Ah oui au fait, la Weyland Company qui les envoie dépense 1000 milliards (sic) mais vérifie pas la santé mentale de son équipage et embarque un sociopathe iroquois plein de tatouages de tolard qui parle à des sondes géologiques et pousse des cris de loup garou.

Du travail de pros, encore.

Je vous passe les "éléments de réponses" qui ne laissent que des questions en suspens. Alors oui ça taquine le mythe de Promethée, ce rebelle pourtant de bon foie...bonne foi —pardon, qui créa l'homme à l'image des dieux et en fut puni jusqu'à plus foie..plus soif pardon. Oui les "Ingénieurs" (sic) ont créé quelque chose qu'ils n'auraient pas dû, et ça s'est retourné contre eux parce que le scénario étant de nationalité américaine en fait Dieu existe, contrairement à ce que ces connards de scientifiques arrogants ont prétendu au début, et il est fan de mythologie grecque et donc il envoie sa Nemesis sur ce peuple de géants blasphémateurs chauves qui se retrouve ainsi châtié de s'être pris pour son égal. Ouah le mindfuck... En attendant ça apporte quoi au sujet de base ?

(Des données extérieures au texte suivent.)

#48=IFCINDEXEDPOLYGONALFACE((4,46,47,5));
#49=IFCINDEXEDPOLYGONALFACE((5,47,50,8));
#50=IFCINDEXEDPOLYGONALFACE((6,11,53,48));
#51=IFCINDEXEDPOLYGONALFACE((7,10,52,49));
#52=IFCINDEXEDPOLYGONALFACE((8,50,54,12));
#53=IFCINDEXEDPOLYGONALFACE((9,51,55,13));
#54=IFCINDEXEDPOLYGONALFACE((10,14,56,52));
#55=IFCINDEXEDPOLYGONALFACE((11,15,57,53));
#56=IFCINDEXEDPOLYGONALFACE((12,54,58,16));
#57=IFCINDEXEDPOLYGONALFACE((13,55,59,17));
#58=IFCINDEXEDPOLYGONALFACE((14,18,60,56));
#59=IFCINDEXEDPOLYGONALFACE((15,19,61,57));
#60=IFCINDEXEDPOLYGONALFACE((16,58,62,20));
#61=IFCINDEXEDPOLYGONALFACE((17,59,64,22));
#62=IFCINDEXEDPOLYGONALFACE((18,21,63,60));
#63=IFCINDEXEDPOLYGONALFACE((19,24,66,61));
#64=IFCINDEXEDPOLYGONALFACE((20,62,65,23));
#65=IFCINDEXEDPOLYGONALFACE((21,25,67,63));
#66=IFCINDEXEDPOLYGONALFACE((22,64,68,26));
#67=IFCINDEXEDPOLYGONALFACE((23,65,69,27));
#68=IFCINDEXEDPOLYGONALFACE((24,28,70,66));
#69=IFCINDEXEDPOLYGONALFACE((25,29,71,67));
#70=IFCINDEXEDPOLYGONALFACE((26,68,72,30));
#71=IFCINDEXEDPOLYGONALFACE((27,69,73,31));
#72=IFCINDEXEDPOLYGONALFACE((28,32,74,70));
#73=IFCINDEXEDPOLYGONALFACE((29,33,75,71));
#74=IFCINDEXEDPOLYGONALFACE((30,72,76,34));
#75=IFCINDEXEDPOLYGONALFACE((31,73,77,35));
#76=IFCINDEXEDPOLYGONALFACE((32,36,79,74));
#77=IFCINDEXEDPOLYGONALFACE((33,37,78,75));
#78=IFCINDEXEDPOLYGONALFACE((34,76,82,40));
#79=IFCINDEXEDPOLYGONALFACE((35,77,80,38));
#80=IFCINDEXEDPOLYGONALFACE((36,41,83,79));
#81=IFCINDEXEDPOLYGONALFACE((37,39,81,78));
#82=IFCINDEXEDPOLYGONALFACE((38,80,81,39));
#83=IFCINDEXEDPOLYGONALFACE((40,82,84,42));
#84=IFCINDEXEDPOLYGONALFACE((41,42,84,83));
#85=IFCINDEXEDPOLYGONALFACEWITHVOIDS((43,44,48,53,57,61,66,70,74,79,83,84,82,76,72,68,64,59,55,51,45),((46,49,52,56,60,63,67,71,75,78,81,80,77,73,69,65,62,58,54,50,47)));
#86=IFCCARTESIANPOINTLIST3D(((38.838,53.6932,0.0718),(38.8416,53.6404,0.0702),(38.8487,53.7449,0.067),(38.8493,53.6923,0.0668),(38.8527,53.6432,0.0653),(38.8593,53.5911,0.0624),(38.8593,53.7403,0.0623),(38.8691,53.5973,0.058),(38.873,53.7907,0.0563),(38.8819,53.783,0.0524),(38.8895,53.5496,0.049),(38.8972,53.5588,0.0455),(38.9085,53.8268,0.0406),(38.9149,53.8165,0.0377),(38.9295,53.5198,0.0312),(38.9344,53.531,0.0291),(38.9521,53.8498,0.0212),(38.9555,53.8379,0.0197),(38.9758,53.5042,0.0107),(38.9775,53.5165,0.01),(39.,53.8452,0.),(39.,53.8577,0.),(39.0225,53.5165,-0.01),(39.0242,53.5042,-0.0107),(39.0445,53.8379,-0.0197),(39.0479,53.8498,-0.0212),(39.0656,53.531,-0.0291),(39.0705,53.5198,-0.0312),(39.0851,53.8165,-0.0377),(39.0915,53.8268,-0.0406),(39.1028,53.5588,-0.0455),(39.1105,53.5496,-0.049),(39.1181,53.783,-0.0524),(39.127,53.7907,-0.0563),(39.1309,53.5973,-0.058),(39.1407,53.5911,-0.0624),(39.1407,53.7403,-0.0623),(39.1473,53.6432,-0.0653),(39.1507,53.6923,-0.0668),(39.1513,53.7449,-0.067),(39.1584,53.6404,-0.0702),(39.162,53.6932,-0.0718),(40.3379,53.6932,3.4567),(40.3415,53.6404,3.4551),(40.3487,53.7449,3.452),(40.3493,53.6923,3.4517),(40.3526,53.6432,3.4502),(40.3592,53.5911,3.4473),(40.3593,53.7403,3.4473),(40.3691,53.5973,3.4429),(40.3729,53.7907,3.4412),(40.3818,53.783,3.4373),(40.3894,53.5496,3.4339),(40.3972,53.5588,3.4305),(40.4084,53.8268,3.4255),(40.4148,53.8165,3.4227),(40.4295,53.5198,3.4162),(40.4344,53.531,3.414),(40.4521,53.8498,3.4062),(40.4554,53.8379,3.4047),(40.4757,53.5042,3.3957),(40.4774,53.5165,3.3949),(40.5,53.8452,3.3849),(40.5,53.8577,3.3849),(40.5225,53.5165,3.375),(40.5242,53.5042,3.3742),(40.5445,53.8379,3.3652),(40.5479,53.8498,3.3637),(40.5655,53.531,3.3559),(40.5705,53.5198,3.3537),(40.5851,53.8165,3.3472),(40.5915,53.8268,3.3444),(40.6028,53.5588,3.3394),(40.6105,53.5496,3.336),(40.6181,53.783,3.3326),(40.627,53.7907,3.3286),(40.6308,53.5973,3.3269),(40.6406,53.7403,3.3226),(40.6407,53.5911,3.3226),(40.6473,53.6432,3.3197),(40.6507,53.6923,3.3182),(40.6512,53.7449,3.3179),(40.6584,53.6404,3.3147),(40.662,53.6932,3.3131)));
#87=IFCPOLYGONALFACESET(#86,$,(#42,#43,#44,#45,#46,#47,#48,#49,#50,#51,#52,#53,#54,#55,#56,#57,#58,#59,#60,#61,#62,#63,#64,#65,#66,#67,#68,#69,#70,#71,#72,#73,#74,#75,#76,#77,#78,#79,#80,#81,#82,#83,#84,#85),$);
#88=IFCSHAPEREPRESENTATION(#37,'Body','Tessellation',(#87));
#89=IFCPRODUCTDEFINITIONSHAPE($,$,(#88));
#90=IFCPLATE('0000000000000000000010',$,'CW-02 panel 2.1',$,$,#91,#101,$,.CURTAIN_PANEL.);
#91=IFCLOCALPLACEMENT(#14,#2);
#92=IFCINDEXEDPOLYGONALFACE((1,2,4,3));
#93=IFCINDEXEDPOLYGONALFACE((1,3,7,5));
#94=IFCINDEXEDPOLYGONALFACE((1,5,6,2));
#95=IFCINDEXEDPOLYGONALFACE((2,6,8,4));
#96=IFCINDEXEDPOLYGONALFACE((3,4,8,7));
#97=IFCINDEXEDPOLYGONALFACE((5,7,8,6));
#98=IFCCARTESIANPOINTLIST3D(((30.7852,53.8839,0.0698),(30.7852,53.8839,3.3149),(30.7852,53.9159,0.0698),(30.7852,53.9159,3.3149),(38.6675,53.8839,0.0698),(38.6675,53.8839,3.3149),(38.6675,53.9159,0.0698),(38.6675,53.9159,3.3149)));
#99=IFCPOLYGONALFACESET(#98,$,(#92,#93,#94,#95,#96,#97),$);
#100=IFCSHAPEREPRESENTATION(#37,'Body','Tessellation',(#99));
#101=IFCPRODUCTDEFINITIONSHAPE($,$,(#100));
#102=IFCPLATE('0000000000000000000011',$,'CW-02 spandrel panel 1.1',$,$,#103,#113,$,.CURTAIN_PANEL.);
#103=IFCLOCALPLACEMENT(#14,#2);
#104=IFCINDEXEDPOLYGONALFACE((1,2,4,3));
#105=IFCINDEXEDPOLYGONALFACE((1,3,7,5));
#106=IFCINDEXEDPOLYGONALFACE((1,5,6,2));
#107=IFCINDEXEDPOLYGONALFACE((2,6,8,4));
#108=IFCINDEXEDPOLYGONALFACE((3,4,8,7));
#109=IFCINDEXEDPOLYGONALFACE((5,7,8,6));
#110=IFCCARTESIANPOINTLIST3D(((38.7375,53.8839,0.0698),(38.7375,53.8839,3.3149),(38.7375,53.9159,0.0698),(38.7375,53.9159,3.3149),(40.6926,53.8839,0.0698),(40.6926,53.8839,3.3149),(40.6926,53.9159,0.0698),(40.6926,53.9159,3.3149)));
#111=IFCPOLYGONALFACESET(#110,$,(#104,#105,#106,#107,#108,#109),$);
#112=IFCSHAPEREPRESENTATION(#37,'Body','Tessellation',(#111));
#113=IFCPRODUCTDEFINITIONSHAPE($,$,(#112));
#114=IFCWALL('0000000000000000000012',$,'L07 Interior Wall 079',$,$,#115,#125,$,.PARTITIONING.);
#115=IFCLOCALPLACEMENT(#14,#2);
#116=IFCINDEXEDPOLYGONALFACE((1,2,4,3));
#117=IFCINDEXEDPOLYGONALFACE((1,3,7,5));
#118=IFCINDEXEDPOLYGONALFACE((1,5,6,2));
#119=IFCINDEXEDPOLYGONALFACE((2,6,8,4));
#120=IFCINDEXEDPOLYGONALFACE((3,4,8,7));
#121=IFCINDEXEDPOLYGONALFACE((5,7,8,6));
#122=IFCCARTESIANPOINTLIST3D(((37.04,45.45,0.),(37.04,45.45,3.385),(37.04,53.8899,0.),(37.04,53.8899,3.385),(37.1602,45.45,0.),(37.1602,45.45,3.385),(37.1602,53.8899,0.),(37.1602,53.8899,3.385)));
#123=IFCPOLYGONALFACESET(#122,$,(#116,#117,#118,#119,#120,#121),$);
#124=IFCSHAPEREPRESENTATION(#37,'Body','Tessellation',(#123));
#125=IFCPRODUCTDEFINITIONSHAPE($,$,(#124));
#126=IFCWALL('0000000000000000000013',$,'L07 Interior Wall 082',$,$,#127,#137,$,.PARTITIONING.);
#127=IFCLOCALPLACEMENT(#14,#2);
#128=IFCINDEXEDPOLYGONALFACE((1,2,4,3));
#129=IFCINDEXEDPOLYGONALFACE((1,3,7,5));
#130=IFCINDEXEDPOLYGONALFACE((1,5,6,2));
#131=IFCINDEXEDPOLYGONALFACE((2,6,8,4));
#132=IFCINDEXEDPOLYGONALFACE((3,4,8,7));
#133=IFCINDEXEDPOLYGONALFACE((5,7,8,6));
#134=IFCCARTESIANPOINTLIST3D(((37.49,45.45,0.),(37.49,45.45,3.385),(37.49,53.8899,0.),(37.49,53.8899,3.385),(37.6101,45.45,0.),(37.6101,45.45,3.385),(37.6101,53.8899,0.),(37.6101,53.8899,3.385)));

Ben prout, parce que si Prométhée nous avait apporté le feu, Prometheus lui, nous envoie de la fumée.

Après ça, au milieu d'images certes techniquement chiadées mais ô combien froides et impersonnelles on se tape des personnages fades, antipathiques, qui ne suscitent aucunement l'attachement et encore moins l'adhésion (et pour cause on ne nous en laisse ni l'occasion, ni le temps, ni l'envie), et auxquels la plupart du temps on a soit envie de mettre des baffes (Theron sous exploitée jusqu'à la caricature), soit de les jeter dans l'espace où personne ne les entendra réciter leurs dialogues lourdingues (Marshall-Green, Pearce, entre autres...).

Bon y a des trucs rigolos comme la césarienne qui empêche pas de se taper un 4x100m après avoir oublié de signaler à tout le monde qu'un poulpe mutant se baladait dans l'unique caisson de survie du vaisseau. Et puis aussi la tête de David qui après une explosion en plein ciel et un atterrissage en triple salto du vaisseau dans lequel elle se trouvait se replace pile poil à l'endroit et à 10 centimètres de l'émetteur attaché à son corps —si c'est pas une chance de cocu!

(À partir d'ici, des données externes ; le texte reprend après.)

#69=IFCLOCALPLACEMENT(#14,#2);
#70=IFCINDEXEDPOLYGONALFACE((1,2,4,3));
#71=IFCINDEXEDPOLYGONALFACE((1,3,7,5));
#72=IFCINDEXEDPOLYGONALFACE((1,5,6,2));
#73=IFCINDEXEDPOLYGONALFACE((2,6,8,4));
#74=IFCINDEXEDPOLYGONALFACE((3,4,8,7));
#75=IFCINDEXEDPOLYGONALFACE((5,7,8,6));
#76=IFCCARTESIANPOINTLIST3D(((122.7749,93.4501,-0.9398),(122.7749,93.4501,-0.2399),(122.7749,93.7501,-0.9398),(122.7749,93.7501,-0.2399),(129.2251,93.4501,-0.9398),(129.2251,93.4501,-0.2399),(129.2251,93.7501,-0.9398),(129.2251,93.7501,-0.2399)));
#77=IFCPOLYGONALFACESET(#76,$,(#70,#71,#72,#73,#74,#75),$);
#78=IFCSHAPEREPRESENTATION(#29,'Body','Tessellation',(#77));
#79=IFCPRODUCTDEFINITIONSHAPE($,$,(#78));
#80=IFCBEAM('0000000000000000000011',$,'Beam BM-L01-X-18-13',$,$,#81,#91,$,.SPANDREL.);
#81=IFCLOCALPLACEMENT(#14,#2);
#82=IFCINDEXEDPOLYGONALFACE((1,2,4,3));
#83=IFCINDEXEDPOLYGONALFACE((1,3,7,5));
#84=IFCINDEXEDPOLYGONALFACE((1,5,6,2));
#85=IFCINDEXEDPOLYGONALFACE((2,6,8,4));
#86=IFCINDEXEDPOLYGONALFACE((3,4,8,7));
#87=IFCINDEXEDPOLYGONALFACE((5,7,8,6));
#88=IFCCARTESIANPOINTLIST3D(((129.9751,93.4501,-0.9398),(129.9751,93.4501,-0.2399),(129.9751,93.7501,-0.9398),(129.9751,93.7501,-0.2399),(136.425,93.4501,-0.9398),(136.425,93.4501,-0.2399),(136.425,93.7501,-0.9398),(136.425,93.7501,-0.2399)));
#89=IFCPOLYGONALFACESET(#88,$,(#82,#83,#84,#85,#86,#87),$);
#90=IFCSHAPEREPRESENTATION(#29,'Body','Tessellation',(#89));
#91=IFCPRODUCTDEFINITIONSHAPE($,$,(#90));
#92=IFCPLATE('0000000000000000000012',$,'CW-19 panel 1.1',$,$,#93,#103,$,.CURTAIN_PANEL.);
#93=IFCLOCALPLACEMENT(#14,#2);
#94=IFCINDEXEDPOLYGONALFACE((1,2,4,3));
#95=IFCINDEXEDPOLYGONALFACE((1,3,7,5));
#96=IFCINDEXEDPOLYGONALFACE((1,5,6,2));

Bon puis les petits détails du genre mais c'est quoi toutes ces jarres qui suintent on s'en fout ta gueule pose pas de questions. Ou la providence qui fait que le premièr Alien qui sort du corps d'un ingénieur (sic) ait choisi le seul qui portait une combinaison biomécanique aux traits bizarrement familiers alors que le premier qu'on voit dans le film est à poil. Du coup j'imagine même que Giger a dû puiser ses designs si particuliers d'une inspiration d'après coup aussi, hein.

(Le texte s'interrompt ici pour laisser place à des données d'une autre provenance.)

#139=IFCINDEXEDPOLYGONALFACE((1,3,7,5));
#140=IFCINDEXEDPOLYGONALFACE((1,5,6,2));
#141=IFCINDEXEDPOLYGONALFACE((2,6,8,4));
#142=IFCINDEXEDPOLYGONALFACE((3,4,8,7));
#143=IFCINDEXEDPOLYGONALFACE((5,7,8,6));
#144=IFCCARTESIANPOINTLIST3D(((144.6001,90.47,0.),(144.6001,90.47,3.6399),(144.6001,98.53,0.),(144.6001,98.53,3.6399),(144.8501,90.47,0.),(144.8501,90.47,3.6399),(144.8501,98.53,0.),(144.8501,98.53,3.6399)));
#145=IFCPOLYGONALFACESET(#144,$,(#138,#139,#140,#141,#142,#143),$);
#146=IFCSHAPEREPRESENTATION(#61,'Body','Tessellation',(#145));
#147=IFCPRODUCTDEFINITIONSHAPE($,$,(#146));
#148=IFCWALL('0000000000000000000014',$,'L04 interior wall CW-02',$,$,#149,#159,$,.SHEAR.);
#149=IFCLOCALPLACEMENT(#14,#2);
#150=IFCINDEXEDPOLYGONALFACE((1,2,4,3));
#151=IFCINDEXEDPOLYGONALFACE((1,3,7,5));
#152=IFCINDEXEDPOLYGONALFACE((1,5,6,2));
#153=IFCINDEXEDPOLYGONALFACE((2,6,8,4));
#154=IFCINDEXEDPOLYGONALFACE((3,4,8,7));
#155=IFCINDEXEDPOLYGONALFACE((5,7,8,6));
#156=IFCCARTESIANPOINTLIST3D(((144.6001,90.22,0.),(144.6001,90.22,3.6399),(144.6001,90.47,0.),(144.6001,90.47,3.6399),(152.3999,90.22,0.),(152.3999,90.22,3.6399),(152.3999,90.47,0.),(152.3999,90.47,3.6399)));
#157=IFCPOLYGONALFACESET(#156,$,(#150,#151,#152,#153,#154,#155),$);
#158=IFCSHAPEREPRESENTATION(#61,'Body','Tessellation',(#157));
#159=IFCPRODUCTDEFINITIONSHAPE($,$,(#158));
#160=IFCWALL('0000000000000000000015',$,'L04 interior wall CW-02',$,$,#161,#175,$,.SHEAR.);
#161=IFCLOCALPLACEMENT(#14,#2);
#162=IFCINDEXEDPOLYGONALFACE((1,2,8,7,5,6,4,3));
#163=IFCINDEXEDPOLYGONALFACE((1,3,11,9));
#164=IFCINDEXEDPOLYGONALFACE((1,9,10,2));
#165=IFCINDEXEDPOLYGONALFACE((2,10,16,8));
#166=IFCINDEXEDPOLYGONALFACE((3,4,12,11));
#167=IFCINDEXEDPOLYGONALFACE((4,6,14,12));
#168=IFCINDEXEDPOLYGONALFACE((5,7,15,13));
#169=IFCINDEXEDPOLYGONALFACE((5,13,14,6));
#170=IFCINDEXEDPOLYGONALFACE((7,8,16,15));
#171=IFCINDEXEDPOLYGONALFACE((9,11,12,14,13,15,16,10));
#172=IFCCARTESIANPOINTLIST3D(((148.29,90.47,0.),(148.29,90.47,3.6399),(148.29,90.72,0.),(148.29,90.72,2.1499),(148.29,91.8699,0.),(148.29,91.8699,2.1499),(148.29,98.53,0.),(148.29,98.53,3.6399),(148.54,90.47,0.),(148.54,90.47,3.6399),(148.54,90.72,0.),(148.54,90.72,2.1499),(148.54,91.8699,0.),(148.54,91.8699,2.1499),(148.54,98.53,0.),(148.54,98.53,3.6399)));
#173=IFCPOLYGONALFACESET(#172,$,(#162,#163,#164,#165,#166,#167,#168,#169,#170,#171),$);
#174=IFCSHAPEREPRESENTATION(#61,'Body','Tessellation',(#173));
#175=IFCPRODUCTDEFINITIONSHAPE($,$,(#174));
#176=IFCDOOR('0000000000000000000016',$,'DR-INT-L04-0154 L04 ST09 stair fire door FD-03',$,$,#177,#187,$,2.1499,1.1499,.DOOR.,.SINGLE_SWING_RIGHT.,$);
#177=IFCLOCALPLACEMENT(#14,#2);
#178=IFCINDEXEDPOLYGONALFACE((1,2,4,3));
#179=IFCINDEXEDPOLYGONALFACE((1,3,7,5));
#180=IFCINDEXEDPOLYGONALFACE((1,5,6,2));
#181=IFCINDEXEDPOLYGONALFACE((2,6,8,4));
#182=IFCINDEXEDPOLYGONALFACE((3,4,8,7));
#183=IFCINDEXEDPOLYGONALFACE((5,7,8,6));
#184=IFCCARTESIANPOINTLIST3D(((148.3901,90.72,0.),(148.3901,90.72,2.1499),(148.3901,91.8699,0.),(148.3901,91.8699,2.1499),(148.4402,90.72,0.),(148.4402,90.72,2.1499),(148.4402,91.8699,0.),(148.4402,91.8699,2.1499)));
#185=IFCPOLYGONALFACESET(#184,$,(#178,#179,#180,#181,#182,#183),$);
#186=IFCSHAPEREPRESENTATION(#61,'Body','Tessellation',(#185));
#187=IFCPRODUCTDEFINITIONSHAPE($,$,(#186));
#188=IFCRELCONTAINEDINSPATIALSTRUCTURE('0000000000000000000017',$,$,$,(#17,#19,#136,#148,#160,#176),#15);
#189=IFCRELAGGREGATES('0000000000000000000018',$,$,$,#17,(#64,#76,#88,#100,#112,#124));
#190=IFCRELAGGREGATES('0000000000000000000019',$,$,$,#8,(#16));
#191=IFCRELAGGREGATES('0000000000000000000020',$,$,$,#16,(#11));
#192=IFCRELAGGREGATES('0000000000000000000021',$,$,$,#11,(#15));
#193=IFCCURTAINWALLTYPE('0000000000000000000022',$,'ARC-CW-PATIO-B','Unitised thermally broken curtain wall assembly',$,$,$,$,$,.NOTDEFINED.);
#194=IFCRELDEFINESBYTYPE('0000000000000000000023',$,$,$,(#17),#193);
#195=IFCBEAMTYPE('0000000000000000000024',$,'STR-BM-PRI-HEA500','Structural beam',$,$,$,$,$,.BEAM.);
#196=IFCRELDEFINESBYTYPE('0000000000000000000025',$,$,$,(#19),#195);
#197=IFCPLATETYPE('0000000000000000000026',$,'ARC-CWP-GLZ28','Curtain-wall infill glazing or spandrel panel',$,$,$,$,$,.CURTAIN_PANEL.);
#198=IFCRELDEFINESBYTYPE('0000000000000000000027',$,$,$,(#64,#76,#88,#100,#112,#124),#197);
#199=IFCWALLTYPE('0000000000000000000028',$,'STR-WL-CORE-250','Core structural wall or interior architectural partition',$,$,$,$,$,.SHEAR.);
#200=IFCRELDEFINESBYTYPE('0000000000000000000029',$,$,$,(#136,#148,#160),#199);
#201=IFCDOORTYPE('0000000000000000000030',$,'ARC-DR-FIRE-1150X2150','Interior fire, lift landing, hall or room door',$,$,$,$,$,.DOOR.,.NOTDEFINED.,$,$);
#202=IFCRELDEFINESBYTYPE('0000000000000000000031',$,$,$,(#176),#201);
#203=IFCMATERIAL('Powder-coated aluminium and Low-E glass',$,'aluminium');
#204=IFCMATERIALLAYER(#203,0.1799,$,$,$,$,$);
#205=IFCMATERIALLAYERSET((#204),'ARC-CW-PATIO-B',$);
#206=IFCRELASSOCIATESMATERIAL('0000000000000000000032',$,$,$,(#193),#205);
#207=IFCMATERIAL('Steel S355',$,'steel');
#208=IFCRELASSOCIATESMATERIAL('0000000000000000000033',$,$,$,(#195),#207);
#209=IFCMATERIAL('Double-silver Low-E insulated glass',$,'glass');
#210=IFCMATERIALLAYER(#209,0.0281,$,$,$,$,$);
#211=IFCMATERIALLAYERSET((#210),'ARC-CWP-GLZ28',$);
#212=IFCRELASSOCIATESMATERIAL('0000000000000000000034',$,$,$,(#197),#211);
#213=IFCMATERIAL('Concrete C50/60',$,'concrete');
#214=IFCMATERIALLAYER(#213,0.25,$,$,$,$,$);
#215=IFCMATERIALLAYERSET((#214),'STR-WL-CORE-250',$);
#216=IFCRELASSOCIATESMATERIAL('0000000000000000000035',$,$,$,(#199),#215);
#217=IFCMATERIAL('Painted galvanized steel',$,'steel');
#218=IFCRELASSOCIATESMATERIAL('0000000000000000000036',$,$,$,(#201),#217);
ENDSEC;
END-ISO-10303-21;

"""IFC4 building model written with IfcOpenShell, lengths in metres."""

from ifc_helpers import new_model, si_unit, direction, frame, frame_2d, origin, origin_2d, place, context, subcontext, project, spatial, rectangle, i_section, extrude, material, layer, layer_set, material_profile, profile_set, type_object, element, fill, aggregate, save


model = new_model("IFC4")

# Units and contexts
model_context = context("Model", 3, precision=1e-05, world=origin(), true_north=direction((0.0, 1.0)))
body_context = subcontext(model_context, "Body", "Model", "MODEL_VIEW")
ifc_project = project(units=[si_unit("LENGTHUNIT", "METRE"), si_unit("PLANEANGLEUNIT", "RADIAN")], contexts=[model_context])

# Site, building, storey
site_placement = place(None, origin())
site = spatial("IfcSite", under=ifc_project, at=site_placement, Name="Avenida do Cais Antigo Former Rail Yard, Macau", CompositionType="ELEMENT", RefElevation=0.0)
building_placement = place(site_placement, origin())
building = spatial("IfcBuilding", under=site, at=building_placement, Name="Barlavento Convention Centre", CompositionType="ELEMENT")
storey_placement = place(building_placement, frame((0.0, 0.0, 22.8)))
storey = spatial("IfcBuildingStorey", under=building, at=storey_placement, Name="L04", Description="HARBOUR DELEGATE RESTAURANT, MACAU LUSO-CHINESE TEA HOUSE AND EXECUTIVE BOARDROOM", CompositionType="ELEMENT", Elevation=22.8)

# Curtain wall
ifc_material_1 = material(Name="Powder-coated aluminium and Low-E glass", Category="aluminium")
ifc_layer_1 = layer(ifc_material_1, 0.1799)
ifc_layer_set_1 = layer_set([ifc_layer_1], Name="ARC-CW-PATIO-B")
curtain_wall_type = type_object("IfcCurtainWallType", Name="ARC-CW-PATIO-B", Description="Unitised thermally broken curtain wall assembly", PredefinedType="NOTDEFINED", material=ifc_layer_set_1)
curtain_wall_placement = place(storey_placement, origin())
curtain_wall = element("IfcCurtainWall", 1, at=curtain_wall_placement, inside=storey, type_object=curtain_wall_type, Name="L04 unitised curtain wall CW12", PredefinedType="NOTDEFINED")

Ouais puis je chipote me direz vous mais Scott il aurait pu éviter de faire passer l'esthétique du premier Alien pour moyenâgeuse avec des équipements super high tech du laser de l'hologramme de l'esbrouffe censés être antérieurs chronologiquement et donc technologiquement parlant. Même Lucas y avait pensé bordel...

Mention spéciale au maquillage de Guy Pearce qui fait hommage au désuet en réussissant le tour de force d'avoir un aspect plus daté que les effets spéciaux du 8eme passager.

Bon au milieu de toutes ces prétentions et de ce vide intersidéral de luxe surnage la frimousse de Fassbender en sosie déviant de Peter O'Toole ayant couché avec Bowie, seul capable d'insuffler un tant soit peu de mystère et d'inquiétude dans ce foutoir concave. Le peu d'énigmatique c'est à lui que vous le devrez ; le peu d'intérêt aussi. C'est tout de même assez paradoxal (et révélateur) que le seul personnage suscitant l'attachement dans ce film soit un cyborg manipulateur frigide ayant un problème d'Oedipe.

On nous avait promis des réponses, on nous avait promis un film profond qui marquerait le grand retour de Scott à la science fiction, mais ce n'est pas un retour au sources; pour moi ça s'appelle un retour sur investissement.